Como medida de mitigação, o advogado de defesa de Banafsha disse que ele mudou de ideias e se declarou culpado.

Ele também disse que era uma pena que a vítima não tivesse alertado a mulher com quem conversou no bar quando ela pediu que usassem o banheiro.

O Juiz de Honra Julian Lambert descreveu o incidente como “uma provação absolutamente horrível”.

‘(O) impacto da vítima é mais profundo. Muitas vezes as pessoas não conseguem deixar algo assim para trás.

“Avaliando o crime, noto um elemento de predador em você.
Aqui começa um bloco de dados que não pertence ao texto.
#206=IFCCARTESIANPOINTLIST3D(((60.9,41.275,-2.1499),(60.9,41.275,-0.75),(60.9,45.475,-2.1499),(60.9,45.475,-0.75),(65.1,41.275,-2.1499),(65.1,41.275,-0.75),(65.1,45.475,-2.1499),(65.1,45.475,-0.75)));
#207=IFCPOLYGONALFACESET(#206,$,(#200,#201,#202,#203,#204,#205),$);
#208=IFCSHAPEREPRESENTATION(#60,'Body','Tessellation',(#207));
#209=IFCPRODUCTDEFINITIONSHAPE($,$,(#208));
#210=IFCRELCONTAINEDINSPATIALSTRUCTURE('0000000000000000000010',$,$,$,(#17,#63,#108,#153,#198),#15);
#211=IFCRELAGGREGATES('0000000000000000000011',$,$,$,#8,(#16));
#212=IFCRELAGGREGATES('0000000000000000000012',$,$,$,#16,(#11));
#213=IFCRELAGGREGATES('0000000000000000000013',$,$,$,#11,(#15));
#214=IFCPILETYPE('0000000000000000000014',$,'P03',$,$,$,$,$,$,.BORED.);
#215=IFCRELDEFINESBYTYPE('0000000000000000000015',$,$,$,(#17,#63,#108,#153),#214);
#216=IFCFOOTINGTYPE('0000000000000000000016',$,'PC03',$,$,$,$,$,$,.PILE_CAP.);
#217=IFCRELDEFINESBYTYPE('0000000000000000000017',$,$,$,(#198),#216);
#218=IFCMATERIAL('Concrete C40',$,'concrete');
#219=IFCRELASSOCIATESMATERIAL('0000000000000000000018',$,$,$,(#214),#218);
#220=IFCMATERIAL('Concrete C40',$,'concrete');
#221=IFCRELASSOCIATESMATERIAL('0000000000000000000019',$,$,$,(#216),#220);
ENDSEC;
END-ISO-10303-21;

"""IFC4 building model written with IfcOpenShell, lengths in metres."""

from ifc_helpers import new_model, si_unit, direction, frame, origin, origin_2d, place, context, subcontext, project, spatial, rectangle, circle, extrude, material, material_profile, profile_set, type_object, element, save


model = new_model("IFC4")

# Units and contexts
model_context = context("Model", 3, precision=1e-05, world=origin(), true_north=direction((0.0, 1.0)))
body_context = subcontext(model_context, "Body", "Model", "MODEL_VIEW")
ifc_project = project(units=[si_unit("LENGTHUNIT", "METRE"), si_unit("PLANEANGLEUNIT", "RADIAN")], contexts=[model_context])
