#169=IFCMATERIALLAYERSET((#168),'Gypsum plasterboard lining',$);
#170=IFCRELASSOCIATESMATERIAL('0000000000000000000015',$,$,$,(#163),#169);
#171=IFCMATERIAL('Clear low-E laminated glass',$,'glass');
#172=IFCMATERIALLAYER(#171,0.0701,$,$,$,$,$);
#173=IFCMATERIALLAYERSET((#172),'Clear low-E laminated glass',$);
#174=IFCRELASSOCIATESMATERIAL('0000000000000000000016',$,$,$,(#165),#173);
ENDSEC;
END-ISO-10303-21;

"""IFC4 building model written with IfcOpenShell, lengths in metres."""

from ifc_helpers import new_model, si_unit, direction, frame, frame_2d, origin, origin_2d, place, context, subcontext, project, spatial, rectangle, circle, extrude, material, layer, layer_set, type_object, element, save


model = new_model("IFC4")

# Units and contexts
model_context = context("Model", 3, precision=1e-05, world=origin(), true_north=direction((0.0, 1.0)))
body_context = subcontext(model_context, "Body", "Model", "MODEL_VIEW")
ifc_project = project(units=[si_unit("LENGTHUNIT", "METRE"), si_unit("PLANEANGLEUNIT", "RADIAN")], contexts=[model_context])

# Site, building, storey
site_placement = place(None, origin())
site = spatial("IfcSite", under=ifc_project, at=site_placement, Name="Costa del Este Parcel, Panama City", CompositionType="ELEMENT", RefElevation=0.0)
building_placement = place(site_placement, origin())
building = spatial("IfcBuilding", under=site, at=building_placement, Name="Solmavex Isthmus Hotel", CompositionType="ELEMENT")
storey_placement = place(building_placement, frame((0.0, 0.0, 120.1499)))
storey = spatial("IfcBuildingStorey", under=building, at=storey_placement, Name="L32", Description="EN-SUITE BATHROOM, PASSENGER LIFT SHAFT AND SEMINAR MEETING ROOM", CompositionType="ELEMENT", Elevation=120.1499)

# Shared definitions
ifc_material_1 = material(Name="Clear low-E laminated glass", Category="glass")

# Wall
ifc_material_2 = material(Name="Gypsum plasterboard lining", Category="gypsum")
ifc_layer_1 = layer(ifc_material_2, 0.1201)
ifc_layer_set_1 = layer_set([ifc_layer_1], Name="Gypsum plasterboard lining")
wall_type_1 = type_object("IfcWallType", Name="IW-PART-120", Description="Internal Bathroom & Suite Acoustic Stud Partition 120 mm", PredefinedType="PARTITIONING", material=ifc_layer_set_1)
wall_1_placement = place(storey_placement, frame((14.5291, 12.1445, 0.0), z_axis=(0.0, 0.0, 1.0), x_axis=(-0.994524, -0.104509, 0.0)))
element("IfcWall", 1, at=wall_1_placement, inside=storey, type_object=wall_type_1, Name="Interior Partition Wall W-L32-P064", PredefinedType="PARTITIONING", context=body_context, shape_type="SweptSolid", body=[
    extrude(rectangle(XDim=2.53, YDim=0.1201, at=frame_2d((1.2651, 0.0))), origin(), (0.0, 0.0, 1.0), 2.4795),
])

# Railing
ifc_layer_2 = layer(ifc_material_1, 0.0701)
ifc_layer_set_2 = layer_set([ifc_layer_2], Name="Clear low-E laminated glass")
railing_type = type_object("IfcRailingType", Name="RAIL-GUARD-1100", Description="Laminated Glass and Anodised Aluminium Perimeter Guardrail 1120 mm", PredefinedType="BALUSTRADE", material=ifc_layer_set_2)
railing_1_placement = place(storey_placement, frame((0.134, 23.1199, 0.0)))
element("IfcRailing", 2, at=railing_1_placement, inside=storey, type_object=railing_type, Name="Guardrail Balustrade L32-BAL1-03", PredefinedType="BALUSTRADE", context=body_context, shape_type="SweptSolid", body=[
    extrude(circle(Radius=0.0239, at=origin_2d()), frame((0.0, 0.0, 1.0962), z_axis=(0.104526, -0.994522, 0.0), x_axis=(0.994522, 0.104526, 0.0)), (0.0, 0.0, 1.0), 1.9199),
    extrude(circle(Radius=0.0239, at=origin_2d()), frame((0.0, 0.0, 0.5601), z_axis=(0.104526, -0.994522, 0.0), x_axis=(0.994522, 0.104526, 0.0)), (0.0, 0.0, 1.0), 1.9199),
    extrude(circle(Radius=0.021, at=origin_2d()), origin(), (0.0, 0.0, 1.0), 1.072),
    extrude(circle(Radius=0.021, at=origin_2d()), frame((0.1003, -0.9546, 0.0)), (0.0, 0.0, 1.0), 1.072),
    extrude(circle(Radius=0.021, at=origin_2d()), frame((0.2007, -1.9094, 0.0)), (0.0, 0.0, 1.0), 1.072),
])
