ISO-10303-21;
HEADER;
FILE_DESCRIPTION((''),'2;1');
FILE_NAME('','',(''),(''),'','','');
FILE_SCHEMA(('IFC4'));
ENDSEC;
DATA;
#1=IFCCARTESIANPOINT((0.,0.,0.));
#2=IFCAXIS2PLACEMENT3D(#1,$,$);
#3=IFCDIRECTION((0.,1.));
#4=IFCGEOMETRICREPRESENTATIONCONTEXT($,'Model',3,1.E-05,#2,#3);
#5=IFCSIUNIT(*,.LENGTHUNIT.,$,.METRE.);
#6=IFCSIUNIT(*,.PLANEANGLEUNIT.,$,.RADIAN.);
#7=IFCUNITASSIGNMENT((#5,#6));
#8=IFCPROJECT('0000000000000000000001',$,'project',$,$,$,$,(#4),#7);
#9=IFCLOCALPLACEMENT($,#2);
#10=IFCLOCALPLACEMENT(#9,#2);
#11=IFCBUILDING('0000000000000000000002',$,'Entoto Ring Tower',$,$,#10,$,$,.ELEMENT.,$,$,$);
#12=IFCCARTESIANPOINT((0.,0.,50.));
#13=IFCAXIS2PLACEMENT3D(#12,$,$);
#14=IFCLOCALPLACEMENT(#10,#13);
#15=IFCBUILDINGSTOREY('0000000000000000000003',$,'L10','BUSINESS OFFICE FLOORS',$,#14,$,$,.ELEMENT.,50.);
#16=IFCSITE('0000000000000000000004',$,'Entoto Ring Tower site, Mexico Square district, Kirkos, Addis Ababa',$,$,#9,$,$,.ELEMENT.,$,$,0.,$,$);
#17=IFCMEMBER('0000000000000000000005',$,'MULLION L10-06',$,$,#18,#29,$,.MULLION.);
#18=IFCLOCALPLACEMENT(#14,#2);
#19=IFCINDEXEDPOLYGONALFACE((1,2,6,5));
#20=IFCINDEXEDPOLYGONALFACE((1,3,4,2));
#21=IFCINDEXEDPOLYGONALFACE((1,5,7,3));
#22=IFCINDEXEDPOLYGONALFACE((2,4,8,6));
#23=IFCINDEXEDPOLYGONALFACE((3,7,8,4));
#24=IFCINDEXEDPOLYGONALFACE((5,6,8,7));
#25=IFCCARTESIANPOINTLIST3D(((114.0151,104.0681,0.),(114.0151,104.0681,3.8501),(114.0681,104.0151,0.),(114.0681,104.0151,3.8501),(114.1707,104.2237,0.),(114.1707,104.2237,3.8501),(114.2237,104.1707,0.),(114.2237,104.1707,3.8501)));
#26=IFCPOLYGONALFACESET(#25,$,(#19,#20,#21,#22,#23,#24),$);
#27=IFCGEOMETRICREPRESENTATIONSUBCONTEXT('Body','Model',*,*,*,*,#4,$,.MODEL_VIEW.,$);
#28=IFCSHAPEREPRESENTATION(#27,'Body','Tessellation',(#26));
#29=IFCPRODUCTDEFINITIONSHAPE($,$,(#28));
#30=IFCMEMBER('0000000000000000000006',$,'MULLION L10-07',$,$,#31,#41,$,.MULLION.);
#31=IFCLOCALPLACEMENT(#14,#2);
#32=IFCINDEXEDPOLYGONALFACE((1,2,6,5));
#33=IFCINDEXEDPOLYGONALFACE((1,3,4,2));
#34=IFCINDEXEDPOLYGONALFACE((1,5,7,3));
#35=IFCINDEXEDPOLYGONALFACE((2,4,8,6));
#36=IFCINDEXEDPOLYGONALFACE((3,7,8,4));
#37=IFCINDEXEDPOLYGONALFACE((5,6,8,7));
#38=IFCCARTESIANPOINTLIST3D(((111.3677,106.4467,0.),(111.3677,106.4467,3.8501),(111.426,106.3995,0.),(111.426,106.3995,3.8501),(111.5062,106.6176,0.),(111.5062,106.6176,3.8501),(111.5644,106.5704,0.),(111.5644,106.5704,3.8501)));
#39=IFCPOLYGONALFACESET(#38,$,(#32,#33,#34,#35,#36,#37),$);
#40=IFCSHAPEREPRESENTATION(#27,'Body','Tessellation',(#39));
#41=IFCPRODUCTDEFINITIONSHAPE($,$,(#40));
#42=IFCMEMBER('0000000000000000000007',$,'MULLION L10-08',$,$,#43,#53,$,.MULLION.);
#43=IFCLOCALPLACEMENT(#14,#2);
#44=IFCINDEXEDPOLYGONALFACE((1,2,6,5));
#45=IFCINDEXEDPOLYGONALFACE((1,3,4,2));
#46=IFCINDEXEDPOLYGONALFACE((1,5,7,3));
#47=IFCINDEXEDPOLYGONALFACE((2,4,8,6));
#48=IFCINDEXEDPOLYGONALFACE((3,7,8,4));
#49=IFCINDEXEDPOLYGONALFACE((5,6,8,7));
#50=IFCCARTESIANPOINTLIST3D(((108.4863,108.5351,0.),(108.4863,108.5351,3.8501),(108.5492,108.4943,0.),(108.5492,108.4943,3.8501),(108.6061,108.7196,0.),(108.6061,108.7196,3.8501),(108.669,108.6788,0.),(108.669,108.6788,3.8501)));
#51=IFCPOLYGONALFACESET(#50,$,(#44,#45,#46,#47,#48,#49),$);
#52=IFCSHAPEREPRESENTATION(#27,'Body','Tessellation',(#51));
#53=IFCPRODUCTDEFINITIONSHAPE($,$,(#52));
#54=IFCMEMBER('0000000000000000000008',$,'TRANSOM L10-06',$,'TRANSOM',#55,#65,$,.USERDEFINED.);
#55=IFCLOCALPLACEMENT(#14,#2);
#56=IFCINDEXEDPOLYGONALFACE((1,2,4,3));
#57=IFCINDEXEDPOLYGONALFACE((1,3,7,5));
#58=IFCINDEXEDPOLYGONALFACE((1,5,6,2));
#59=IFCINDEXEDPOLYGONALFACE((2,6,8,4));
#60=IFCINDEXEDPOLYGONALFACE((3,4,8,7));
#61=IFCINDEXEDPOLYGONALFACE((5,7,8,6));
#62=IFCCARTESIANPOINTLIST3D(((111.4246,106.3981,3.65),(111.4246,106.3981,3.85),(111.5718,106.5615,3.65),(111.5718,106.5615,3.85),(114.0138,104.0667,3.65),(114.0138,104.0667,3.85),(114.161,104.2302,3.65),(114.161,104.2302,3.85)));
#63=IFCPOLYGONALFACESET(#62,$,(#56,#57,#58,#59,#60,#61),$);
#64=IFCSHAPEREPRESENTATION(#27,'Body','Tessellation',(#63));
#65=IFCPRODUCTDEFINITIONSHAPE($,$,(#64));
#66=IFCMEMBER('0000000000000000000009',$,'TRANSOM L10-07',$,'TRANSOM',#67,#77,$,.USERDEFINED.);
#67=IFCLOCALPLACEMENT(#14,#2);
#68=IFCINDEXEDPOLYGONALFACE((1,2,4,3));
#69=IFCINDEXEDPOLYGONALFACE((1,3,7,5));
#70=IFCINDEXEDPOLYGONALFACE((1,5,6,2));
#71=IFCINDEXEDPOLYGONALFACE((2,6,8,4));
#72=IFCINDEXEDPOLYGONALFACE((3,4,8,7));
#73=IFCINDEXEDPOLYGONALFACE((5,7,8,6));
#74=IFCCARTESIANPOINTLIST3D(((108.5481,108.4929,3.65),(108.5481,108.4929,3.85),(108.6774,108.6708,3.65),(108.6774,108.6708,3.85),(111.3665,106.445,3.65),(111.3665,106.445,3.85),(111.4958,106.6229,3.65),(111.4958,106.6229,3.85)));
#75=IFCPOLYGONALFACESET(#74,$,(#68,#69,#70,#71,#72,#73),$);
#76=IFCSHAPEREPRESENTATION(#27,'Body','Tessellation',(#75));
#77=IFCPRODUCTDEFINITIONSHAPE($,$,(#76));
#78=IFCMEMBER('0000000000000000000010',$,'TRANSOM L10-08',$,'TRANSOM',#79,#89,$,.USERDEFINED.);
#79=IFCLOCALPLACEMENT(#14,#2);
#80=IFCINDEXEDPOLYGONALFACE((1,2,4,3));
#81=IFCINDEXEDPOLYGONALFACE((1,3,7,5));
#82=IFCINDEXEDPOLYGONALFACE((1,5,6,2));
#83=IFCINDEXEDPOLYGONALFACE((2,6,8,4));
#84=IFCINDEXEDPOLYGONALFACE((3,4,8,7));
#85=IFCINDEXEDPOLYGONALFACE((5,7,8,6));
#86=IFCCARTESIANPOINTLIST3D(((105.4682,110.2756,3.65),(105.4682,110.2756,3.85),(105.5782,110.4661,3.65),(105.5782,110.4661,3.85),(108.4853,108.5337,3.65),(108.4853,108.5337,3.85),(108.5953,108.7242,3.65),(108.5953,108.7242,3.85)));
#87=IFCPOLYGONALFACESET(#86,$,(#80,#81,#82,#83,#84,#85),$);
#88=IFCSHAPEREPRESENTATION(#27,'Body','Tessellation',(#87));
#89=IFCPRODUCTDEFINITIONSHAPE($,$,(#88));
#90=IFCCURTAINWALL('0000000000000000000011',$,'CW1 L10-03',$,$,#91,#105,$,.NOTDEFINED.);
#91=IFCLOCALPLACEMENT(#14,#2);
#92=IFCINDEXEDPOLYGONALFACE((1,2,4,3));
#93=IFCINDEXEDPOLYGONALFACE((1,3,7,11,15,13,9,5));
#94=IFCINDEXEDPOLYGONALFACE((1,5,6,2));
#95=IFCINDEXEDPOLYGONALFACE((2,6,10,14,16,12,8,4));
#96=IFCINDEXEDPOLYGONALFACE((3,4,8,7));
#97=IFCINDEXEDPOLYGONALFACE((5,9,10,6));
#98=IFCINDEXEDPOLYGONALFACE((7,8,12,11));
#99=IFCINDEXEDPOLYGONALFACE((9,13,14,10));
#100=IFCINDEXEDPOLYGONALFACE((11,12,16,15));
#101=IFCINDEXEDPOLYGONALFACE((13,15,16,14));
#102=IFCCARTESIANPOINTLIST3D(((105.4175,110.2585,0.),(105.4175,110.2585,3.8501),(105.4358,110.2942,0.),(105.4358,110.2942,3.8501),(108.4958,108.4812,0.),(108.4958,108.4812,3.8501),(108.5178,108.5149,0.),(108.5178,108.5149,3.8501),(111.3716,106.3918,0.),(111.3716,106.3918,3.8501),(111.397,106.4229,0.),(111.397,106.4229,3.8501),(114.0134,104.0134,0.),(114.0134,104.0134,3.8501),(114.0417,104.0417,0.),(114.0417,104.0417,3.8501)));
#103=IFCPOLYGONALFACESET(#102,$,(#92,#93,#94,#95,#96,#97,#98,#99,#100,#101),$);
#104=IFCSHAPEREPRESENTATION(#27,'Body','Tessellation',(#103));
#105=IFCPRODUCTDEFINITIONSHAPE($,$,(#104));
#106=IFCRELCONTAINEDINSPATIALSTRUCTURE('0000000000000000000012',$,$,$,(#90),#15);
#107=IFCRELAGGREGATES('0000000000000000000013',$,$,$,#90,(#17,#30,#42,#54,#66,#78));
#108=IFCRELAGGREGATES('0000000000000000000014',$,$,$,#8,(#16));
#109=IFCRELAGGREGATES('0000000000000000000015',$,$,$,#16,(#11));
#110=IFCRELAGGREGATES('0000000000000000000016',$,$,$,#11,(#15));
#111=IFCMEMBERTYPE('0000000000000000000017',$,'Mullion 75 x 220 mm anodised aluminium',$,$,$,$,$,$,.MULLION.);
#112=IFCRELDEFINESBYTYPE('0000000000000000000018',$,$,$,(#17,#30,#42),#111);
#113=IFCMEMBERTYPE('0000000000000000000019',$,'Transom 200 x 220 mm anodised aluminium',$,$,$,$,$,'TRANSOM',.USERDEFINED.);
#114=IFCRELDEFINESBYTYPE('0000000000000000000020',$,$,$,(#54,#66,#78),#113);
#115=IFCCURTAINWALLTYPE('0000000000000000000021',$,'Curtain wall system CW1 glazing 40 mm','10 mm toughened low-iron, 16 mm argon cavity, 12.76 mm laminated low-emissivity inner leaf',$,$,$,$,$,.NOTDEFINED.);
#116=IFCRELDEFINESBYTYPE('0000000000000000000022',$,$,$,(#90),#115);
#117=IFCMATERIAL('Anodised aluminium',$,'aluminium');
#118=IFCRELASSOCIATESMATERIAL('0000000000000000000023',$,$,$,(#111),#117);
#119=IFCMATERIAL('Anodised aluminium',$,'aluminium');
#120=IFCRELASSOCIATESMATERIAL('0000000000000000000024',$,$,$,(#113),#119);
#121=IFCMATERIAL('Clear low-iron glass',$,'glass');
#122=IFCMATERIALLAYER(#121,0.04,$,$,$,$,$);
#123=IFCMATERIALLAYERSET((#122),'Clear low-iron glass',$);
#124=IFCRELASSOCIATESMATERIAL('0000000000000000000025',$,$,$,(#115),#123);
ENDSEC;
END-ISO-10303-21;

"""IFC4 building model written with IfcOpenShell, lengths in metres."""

from ifc_helpers import new_model, si_unit, direction, frame, origin, origin_2d, place, context, subcontext, project, spatial, polyline, rectangle, outline, extrude, material, layer, layer_set, material_profile, profile_set, type_object, element, aggregate, save


model = new_model("IFC4")

# Units and contexts
model_context = context("Model", 3, precision=1e-05, world=origin(), true_north=direction((0.0, 1.0)))
body_context = subcontext(model_context, "Body", "Model", "MODEL_VIEW")
ifc_project = project(units=[si_unit("LENGTHUNIT", "METRE"), si_unit("PLANEANGLEUNIT", "RADIAN")], contexts=[model_context])

# Members
ifc_material_1 = material(Name="Anodised aluminium", Category="aluminium")
ifc_material_profile_1 = material_profile(ifc_material_1, rectangle(XDim=0.075, YDim=0.22, at=origin_2d()), Name="Mullion 75 x 220 mm anodised aluminium")
ifc_profile_set_1 = profile_set([ifc_material_profile_1], Name="Anodised aluminium")
member_type_1 = type_object("IfcMemberType", Name="Mullion 75 x 220 mm anodised aluminium", PredefinedType="MULLION", material=ifc_profile_set_1)
site_placement = place(None, origin())
building_placement = place(site_placement, origin())
storey_placement = place(building_placement, frame((0.0, 0.0, 50.0)))
member_1_placement = place(storey_placement, frame((114.1194, 104.1194, 0.0), z_axis=(0.0, 0.0, 1.0), x_axis=(-0.707107, 0.707107, 0.0)))
member_1 = element("IfcMember", 1, at=member_1_placement, type_object=member_type_1, Name="MULLION L10-06", PredefinedType="MULLION", context=body_context, shape_type="SweptSolid", body=[
    extrude(rectangle(XDim=0.075, YDim=0.22, at=origin_2d()), origin(), (0.0, 0.0, 1.0), 3.8501),
])
member_2_placement = place(storey_placement, frame((111.4661, 106.5085, 0.0), z_axis=(0.0, 0.0, 1.0), x_axis=(-0.777146, 0.62932, 0.0)))
member_2 = element("IfcMember", 2, at=member_2_placement, type_object=member_type_1, Name="MULLION L10-07", PredefinedType="MULLION", context=body_context, shape_type="SweptSolid", body=[
    extrude(rectangle(XDim=0.075, YDim=0.22, at=origin_2d()), origin(), (0.0, 0.0, 1.0), 3.8501),
])
member_3_placement = place(storey_placement, frame((108.5776, 108.6069, 0.0), z_axis=(0.0, 0.0, 1.0), x_axis=(-0.838671, 0.544639, 0.0)))
member_3 = element("IfcMember", 3, at=member_3_placement, type_object=member_type_1, Name="MULLION L10-08", PredefinedType="MULLION", context=body_context, shape_type="SweptSolid", body=[
    extrude(rectangle(XDim=0.075, YDim=0.22, at=origin_2d()), origin(), (0.0, 0.0, 1.0), 3.8501),
])
ifc_material_2 = material(Name="Anodised aluminium", Category="aluminium")
ifc_material_profile_2 = material_profile(ifc_material_2, rectangle(XDim=0.22, YDim=0.2, at=origin_2d()), Name="Transom 200 x 220 mm anodised aluminium")
ifc_profile_set_2 = profile_set([ifc_material_profile_2], Name="Anodised aluminium")
member_type_2 = type_object("IfcMemberType", Name="Transom 200 x 220 mm anodised aluminium", ElementType="TRANSOM", PredefinedType="USERDEFINED", material=ifc_profile_set_2)
member_4_placement = place(storey_placement, frame((114.0874, 104.1484, 3.75), z_axis=(-0.743137, 0.669139, 0.0), x_axis=(-0.669139, -0.743137, 0.0)))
Descobri isso pela maneira como você correu pela rua e pela sua persistência com sua presa.

O juiz Lambert condenou Banafsha a 27 meses de prisão por ambas as acusações serem executadas simultaneamente numa instituição para jovens delinquentes.

Banafsha também será incluída no registo de criminosos sexuais durante 10 anos e deverá comunicar a sua morada à polícia durante este período.

Olivia, que desde então permaneceu corajosamente anônima para tentar inspirar outras mulheres que foram abusadas a contar suas histórias, diz que ainda não entende por que Banafsha continua a segui-la para fora da propriedade.

“Ele ainda me seguia como se o que estava fazendo não tivesse sido feito”, explicou ela.

‘Não entendo como não foi suficiente eu gritar e dizer para ele parar.’

O Serviço de Liberdade Condicional acredita que os requerentes de asilo representam um elevado risco de danos ao público, especialmente às mulheres.

Agora Olivia espera que sua história inspire outras pessoas a compartilharem suas próprias experiências.

“Se eu não tivesse todas essas pessoas ao meu redor me dizendo para denunciar, eu não teria feito isso”, disse ela.

“É muito valioso para mim divulgar isso e realmente agir.

‘Muitas mulheres não fazem isso e acho importante que mais mulheres comecem a fazer isso se estiverem passando por isso.’

Olivia consegue chutar Violet com todas as forças e escapar. Ela espera que sua história inspire outras pessoas a compartilhar suas próprias experiências

Olivia consegue chutar Violet com todas as forças e escapar. Ela espera que sua história inspire outras pessoas a compartilhar suas próprias experiências

A oficial investigadora, detetive Helen Good, disse: “A vítima foi muito corajosa durante todo este processo e agradeço a ela por trabalhar conosco.

‘Todos deveriam poder viver suas vidas diárias sem serem alvo de criminosos que desejam cometer crimes para sua própria satisfação sexual.’

Um porta-voz do Ministério do Interior disse: “Qualquer cidadão estrangeiro condenado por um crime é imediatamente encaminhado ao Ministério do Interior para deportação.

«De acordo com a Lei das Fronteiras do Reino Unido de 2007, uma ordem de deportação deve ser emitida quando um cidadão estrangeiro tiver sido condenado por um delito e sentenciado a 12 meses ou mais de prisão.»

Para denunciar um estupro ou outro crime sexual, você pode ligar ou denunciar o 999 em caso de emergência On-line ou ligando para o 101.